Saturday 6 December 2008

Thinking faith on livesimply

Thinking Faith, the Jesuit on-line journal, has an interesting article entitled The Challenge to Live Simply. This is a very well articulated account of the livesimply project, and I think anyone who wishes to comment on that project should read this article. It is very easy to get drawn into commenting on livesimply without understanding its real basis - commenting on the comments, rather than on the original! If you read this article, I think that you will see that some genuinely Catholic insights are involved in the project; indeed, I would suggest that one can see in it elements of a genuine charism in the Church.

You need to read the Thinking Faith article to make sense of the following observations:

livesimply tends to express its approach to relationships in the order of relationships with other people followed by relationship with God (eg in the third paragraph) - Deus Caritas Est presents these two the other way round, the relationship with God being treated before that with other people. According to Cardinal Cordes, the drafting of Deus Caritas Est by the Pontifical Council Cor Unum put them the same way round as the livesimply project, and Pope Benedict deliberately changed the order round when he wrote the encyclical. This isn't to say that livesimply has got it wrong, since the essential point is that the two go together. But it may indicate a certain development in doctrine.

livesimply might be criticised for lacking a Christological reference in much of its work. The Thinking Faith article contains the following paragraph:
We have an incarnational faith. We believe that God became human in Jesus and therefore God became poor, powerless and vulnerable. The gospels tell the story of the life, mission and death of Jesus and this sets an example of how we should act towards others. Jesus stood out against the social and cultural expectations of his times in the way he interacted with the Pharisees, in the way his disciples understood him, and most of all on the cross. So it is with us; in a world of greed, selfishness and consumerism we are called to be good news for the poor.
I think this paragraph does give a ground for suggesting that the practise of the livesimply project should articulate a more explicit Christological reference. I think that reference can be developed more fully than this paragraph's presentation of Jesus as the example we follow, perhaps along the lines of Jesus as a redeemer of poverty through his assuming of poverty.

I think the paragraph headed "Living sustainably" recognises that the environmentalist aspect of livesimply does not really have its origins in Populorum Progressio, the encyclical that is the inspiration of the project as a whole. It is a "later insertion", though that does not necessarily make it erroneous. I think we should be cautious about accepting "kinship" with creation as a replacement for "subjugation". Whilst the latter word might not communicate successfully to contemporary sensitivities, the idea that the material created world is for the service of humankind and for him to use towards his own good (cf Genesis) is not necessarily adequately communicated by the word "kinship" either. Pope Benedict, when he is "talking green", presents creation as something to be valued and protected because of its being a manifestation of its Creator. His environmentalism has a Trinitarian and Christological reference, which could perhaps be drawn into the livesimply project as part of a development of its Christological reference.
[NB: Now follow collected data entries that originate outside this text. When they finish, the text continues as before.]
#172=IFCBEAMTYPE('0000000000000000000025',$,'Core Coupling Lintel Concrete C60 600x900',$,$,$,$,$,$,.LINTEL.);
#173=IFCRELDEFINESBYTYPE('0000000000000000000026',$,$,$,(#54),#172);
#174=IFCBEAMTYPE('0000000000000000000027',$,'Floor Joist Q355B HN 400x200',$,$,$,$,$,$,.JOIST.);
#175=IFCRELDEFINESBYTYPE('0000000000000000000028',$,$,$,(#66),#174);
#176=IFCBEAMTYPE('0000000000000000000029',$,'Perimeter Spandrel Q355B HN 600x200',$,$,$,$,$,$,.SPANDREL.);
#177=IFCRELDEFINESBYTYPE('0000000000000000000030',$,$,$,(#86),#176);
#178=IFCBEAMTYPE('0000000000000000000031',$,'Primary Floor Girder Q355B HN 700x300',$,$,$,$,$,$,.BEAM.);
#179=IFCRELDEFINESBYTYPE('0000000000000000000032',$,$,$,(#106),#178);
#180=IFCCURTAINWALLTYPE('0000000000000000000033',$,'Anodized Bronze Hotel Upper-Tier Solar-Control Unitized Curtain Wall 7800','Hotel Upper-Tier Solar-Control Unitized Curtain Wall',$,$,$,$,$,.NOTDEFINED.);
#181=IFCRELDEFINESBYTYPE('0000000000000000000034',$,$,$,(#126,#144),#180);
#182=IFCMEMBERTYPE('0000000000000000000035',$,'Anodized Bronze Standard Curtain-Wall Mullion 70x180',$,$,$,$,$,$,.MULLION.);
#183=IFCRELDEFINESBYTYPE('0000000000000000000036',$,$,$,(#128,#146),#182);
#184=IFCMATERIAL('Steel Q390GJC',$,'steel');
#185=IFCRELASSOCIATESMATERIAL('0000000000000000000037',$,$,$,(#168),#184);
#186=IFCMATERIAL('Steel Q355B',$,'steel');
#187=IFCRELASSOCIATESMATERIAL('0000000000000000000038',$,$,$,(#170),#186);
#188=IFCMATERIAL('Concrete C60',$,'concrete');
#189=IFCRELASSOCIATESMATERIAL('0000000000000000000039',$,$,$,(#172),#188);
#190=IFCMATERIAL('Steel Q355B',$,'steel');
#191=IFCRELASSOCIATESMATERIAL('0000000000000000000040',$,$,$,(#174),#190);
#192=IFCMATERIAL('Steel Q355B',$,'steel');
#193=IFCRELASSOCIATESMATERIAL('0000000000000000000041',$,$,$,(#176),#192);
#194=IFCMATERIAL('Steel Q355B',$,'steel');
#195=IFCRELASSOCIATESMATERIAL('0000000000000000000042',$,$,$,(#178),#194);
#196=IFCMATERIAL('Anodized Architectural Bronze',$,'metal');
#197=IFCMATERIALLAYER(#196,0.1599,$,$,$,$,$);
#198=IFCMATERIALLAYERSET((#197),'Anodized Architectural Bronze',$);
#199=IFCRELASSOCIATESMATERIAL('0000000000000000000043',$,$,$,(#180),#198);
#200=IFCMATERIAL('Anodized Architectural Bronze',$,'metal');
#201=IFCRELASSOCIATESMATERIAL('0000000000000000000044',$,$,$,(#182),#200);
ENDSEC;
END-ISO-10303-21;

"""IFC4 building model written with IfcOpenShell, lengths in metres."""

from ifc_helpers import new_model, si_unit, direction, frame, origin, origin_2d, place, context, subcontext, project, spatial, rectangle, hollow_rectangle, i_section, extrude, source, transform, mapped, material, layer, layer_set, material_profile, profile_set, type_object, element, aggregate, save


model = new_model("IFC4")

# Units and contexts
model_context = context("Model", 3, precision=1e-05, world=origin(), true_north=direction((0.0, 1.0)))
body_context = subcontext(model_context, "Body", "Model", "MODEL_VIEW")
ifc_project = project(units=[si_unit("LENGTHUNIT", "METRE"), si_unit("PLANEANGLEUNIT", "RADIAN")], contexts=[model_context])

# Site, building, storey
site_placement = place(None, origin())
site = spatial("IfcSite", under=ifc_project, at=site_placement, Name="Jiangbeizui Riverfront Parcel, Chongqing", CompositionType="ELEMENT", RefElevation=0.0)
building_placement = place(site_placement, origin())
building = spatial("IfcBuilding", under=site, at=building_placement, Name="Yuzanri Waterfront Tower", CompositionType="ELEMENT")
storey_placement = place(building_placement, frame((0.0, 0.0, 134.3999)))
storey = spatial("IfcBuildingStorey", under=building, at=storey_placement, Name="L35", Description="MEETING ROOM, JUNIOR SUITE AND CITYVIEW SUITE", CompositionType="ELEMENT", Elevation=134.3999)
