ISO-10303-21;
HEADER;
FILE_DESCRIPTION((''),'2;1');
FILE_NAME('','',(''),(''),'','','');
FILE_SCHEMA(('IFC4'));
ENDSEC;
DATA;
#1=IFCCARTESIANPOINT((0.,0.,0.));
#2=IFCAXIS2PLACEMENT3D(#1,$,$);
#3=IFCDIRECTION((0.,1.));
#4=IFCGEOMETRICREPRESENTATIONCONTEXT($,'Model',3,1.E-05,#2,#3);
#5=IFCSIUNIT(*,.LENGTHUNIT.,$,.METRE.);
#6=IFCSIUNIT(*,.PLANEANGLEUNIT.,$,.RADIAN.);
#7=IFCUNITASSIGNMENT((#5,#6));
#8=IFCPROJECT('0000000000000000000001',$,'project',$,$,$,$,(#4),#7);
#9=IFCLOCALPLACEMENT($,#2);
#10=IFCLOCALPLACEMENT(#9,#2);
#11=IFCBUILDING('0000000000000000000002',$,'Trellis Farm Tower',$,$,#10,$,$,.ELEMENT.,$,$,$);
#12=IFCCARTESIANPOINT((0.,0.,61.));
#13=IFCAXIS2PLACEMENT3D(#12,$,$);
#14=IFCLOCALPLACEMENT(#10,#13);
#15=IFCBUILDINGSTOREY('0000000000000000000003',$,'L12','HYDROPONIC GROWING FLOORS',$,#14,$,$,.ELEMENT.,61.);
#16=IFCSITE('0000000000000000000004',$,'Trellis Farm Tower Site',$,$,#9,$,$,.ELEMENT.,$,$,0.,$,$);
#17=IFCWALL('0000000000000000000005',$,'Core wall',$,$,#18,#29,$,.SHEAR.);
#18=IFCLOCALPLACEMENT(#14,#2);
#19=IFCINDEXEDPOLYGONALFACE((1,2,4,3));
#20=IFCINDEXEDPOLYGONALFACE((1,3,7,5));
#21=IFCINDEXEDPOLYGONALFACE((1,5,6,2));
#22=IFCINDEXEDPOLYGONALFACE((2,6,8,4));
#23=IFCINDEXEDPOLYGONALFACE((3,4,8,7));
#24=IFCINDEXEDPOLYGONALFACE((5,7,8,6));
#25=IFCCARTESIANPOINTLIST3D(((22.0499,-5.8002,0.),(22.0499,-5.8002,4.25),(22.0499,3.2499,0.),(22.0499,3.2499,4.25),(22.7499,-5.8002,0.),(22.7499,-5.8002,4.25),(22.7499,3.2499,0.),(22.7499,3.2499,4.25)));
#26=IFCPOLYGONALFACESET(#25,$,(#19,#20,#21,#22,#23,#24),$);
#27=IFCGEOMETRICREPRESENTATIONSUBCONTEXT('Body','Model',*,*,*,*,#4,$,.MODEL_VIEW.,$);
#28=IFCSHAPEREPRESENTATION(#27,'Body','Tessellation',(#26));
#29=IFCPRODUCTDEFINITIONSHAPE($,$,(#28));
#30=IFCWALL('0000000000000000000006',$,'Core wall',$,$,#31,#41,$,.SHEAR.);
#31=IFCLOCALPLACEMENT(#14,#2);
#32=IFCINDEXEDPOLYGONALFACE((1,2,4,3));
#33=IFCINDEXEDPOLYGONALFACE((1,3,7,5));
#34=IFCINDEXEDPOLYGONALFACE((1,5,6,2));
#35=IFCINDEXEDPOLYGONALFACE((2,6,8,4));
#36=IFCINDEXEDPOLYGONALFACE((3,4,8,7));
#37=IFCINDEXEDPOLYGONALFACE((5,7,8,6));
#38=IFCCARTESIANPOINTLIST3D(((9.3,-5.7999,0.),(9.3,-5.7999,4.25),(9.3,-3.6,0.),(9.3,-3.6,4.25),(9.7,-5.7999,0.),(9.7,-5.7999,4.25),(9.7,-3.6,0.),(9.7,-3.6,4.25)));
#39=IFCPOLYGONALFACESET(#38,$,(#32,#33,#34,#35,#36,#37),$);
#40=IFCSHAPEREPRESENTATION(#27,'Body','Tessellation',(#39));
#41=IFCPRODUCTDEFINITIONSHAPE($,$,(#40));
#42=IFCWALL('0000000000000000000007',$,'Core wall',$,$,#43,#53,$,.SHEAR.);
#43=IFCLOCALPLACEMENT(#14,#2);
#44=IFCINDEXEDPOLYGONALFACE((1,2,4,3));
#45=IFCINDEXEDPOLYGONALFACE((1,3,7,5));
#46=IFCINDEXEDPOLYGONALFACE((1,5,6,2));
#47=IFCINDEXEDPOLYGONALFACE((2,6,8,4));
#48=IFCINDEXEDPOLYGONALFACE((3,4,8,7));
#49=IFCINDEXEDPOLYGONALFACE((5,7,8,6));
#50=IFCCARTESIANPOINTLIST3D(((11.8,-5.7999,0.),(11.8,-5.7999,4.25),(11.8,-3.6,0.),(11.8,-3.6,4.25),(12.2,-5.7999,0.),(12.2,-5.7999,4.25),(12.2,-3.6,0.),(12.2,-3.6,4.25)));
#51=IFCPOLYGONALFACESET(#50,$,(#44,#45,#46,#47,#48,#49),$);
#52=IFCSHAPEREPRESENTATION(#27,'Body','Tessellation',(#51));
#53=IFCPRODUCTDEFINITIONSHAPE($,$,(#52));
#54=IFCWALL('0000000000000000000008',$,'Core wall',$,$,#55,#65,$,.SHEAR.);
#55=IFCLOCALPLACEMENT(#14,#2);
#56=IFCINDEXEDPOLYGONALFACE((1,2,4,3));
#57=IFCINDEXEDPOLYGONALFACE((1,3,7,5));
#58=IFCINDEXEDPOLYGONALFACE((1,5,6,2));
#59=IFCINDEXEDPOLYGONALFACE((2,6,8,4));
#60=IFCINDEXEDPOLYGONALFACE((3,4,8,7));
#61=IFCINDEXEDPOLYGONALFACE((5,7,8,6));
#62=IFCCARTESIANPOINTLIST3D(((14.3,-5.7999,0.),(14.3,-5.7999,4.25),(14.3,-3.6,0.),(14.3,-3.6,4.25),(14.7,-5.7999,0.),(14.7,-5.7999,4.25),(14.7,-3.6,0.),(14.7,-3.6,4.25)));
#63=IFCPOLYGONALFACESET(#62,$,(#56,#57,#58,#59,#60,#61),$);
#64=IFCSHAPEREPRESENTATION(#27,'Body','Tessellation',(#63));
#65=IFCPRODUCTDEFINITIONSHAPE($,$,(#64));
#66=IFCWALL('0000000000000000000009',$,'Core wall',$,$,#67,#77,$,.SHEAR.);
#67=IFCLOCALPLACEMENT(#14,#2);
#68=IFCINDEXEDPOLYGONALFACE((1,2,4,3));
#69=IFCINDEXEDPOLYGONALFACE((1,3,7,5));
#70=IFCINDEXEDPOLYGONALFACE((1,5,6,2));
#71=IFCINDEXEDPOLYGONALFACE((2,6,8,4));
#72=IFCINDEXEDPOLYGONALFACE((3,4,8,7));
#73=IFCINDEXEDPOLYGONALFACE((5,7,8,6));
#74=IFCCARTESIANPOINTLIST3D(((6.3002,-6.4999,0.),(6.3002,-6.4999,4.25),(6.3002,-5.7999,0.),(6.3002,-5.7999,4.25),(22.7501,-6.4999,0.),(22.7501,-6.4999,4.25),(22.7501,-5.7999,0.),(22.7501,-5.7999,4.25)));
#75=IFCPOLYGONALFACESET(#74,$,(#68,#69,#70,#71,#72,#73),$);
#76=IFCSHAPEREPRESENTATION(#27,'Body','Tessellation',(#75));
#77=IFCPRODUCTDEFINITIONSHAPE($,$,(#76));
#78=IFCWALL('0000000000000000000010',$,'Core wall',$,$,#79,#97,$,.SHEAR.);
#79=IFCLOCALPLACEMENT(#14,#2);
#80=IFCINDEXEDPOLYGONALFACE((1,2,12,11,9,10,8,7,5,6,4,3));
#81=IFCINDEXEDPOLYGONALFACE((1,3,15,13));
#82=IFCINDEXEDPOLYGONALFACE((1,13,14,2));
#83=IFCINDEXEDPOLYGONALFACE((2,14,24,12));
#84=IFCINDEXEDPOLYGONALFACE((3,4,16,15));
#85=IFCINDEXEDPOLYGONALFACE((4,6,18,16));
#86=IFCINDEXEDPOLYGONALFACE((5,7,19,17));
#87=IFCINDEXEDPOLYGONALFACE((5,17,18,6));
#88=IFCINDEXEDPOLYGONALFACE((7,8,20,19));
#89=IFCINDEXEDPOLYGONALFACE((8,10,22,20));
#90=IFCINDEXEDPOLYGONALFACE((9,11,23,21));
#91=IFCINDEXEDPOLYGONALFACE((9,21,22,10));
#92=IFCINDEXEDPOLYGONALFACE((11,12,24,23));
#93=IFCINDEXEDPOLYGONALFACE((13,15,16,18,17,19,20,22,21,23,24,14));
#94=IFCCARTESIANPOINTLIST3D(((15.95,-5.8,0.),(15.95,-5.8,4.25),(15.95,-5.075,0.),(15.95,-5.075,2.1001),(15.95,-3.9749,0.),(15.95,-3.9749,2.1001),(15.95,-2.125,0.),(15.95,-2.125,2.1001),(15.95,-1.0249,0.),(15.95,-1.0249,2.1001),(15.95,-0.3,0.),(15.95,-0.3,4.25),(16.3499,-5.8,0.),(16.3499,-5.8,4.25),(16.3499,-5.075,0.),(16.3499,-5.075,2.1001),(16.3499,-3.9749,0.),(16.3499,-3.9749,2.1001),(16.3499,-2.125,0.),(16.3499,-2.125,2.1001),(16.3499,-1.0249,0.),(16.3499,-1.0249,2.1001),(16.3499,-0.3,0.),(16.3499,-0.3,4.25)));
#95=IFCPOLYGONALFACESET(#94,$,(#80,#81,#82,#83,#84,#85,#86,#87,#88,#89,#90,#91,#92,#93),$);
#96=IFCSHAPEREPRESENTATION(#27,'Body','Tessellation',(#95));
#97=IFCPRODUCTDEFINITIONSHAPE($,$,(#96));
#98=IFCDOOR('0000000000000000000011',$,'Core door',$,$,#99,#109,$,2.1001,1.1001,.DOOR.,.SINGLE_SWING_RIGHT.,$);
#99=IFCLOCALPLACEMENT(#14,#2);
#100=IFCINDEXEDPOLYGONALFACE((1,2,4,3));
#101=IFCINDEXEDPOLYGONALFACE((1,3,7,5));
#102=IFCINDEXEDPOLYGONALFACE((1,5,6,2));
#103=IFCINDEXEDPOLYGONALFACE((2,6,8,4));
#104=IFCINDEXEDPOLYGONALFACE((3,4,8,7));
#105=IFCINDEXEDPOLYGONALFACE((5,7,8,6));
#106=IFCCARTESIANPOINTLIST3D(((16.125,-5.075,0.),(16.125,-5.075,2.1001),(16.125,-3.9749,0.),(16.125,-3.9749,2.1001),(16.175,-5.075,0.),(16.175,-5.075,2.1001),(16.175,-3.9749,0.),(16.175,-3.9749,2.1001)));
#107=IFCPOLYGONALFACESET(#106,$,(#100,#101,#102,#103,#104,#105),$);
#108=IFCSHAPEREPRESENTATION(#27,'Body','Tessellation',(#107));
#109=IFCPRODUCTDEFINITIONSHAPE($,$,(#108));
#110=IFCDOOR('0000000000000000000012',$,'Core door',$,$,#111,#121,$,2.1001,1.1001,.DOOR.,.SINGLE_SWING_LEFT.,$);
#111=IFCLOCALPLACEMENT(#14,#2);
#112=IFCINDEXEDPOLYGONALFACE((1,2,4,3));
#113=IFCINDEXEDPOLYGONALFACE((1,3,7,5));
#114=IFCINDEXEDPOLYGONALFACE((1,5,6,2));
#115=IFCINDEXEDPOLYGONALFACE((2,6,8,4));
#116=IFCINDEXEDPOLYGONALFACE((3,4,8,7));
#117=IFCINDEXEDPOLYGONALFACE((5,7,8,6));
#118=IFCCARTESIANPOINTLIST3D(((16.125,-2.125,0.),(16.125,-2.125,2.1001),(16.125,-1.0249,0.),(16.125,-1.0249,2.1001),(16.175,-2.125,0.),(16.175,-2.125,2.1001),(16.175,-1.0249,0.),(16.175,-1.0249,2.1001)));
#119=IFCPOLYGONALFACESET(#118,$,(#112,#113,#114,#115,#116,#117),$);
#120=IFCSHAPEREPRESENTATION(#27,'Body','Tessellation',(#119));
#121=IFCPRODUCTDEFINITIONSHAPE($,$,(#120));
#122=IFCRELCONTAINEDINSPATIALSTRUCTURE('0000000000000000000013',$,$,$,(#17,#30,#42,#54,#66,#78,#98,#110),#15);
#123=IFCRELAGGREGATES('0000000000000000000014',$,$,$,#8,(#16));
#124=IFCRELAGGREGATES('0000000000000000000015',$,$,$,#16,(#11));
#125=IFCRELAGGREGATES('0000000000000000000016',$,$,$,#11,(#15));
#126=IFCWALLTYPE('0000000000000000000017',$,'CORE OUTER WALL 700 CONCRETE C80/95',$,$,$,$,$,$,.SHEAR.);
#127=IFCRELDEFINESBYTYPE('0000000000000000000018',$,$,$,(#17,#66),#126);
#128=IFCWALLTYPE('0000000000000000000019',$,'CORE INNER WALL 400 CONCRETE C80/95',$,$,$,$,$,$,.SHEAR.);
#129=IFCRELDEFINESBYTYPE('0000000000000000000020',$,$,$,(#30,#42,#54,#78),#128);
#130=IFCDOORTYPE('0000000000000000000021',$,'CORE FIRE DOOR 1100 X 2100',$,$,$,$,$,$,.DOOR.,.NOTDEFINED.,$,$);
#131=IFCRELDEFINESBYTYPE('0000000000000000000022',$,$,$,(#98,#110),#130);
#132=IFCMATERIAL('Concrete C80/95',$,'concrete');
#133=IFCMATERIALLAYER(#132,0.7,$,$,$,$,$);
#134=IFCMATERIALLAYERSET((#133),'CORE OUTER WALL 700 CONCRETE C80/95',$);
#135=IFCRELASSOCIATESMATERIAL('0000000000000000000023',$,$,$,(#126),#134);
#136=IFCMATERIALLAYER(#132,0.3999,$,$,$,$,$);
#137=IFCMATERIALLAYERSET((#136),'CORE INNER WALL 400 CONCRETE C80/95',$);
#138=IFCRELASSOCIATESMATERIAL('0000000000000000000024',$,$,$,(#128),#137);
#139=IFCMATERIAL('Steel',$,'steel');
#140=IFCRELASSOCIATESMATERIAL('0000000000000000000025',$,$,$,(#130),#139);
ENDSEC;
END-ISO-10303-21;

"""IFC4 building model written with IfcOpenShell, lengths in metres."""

from ifc_helpers import new_model, si_unit, direction, frame, frame_2d, origin, place, context, subcontext, project, spatial, rectangle, extrude, source, transform, mapped, material, layer, layer_set, type_object, element, fill, save


model = new_model("IFC4")

# Units and contexts
model_context = context("Model", 3, precision=1e-05, world=origin(), true_north=direction((0.0, 1.0)))
body_context = subcontext(model_context, "Body", "Model", "MODEL_VIEW")
ifc_project = project(units=[si_unit("LENGTHUNIT", "METRE"), si_unit("PLANEANGLEUNIT", "RADIAN")], contexts=[model_context])

# Site, building, storey
site_placement = place(None, origin())
site = spatial("IfcSite", under=ifc_project, at=site_placement, Name="Trellis Farm Tower Site", CompositionType="ELEMENT", RefElevation=0.0)
building_placement = place(site_placement, origin())
building = spatial("IfcBuilding", under=site, at=building_placement, Name="Trellis Farm Tower", CompositionType="ELEMENT")
storey_placement = place(building_placement, frame((0.0, 0.0, 61.0)))
storey = spatial("IfcBuildingStorey", under=building, at=storey_placement, Name="L12", Description="HYDROPONIC GROWING FLOORS", CompositionType="ELEMENT", Elevation=61.0)

# Shared definitions
ifc_material_1 = material(Name="Concrete C80/95", Category="concrete")

# Shared definitions
ifc_layer_1 = layer(ifc_material_1, 0.7)
ifc_layer_set_1 = layer_set([ifc_layer_1], Name="CORE OUTER WALL 700 CONCRETE C80/95")
wall_type_1 = type_object("IfcWallType", Name="CORE OUTER WALL 700 CONCRETE C80/95", PredefinedType="SHEAR", material=ifc_layer_set_1)
shared_shape_1 = source(origin(), body_context, "Body", "SweptSolid", [
    extrude(rectangle(XDim=9.05, YDim=0.7, at=frame_2d((4.5249, 0.0))), origin(), (0.0, 0.0, 1.0), 4.25),
])
ifc_material_2 = material(Name="Steel", Category="steel")

# Walls
wall_1_placement = place(storey_placement, frame((22.3999, -5.8, 0.0), z_axis=(0.0, 0.0, 1.0), x_axis=(0.0, 1.0, 0.0)))
element("IfcWall", 1, at=wall_1_placement, inside=storey, type_object=wall_type_1, Name="Core wall", PredefinedType="SHEAR", context=body_context, shape_type="MappedRepresentation", body=[
    mapped(shared_shape_1, transform((0.0, 0.0, 0.0))),
])
ifc_layer_2 = layer(ifc_material_1, 0.3999)
ifc_layer_set_2 = layer_set([ifc_layer_2], Name="CORE INNER WALL 400 CONCRETE C80/95")
wall_type_2 = type_object("IfcWallType", Name="CORE INNER WALL 400 CONCRETE C80/95", PredefinedType="SHEAR", material=ifc_layer_set_2)
shared_shape_2 = source(origin(), body_context, "Body", "SweptSolid", [
    extrude(rectangle(XDim=2.2, YDim=0.3999, at=frame_2d((1.1001, 0.0))), origin(), (0.0, 0.0, 1.0), 4.25),
])
for number, where, z_axis, x_axis, name in (
    (2, (9.5, -5.8, 0.0), (0.0, 0.0, 1.0), (0.0, 1.0, 0.0), "Core wall"),
    (3, (12.0, -5.8, 0.0), (0.0, 0.0, 1.0), (0.0, 1.0, 0.0), "Core wall"),
    (4, (14.5, -5.8, 0.0), (0.0, 0.0, 1.0), (0.0, 1.0, 0.0), "Core wall"),
):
The paragraph headed "Living simply" contains a one sentence reference to the evangelical counsel of poverty as lived out in consecrated life in the Church. Again, I think this allows us to see in livesimply a modern presentation of the evangelical counsel of poverty, without that being against the inspiration of the project. This would go hand in hand with a development of the Christological reference of livesimply. Towards the end of the article, a suggestion is made that livesimply could give rise to "basic Christian communities". This choice of terminology has a certain historical, ecclesial and political context. But the idea of people living life together under a chosen condition of poverty seems to me a profoundly Christian idea. Leaving aside a vocabulary with a particular political or social overtone, this could be seen, as are the new movements in the Church, as a contemporary way of living what would previously have been called religious life.

This paragraph, in the section headed "Living in solidarity", is perhaps unfortunate in opposing the religious practise of going to Mass to charitable mission. Completely resolvable, though, if the Christological reference implicit in livesimply is fully developed:
The Parable of the Sheep and the Goats in Matthew 25 reminds us that the final judgement will not be concerned with the things that usually enter our heads when we think of our religion – for example, how many times we attended Mass – but rather with how we behaved to Jesus when we encountered him in our brothers and sisters in need. Our prayer life and religious devotions are things that have to help and sustain us in our desire for the common good.

I think it is possible to see in livesimply elements of a genuine charism in the Church, to see things that could lead to genuine renewal in the living of the evangelical counsel of poverty in the Church. Its call to turn away from materialism, from the desire for more and more things, and towards a more spiritual life is something that I think Pope Benedict would support wholeheartedly.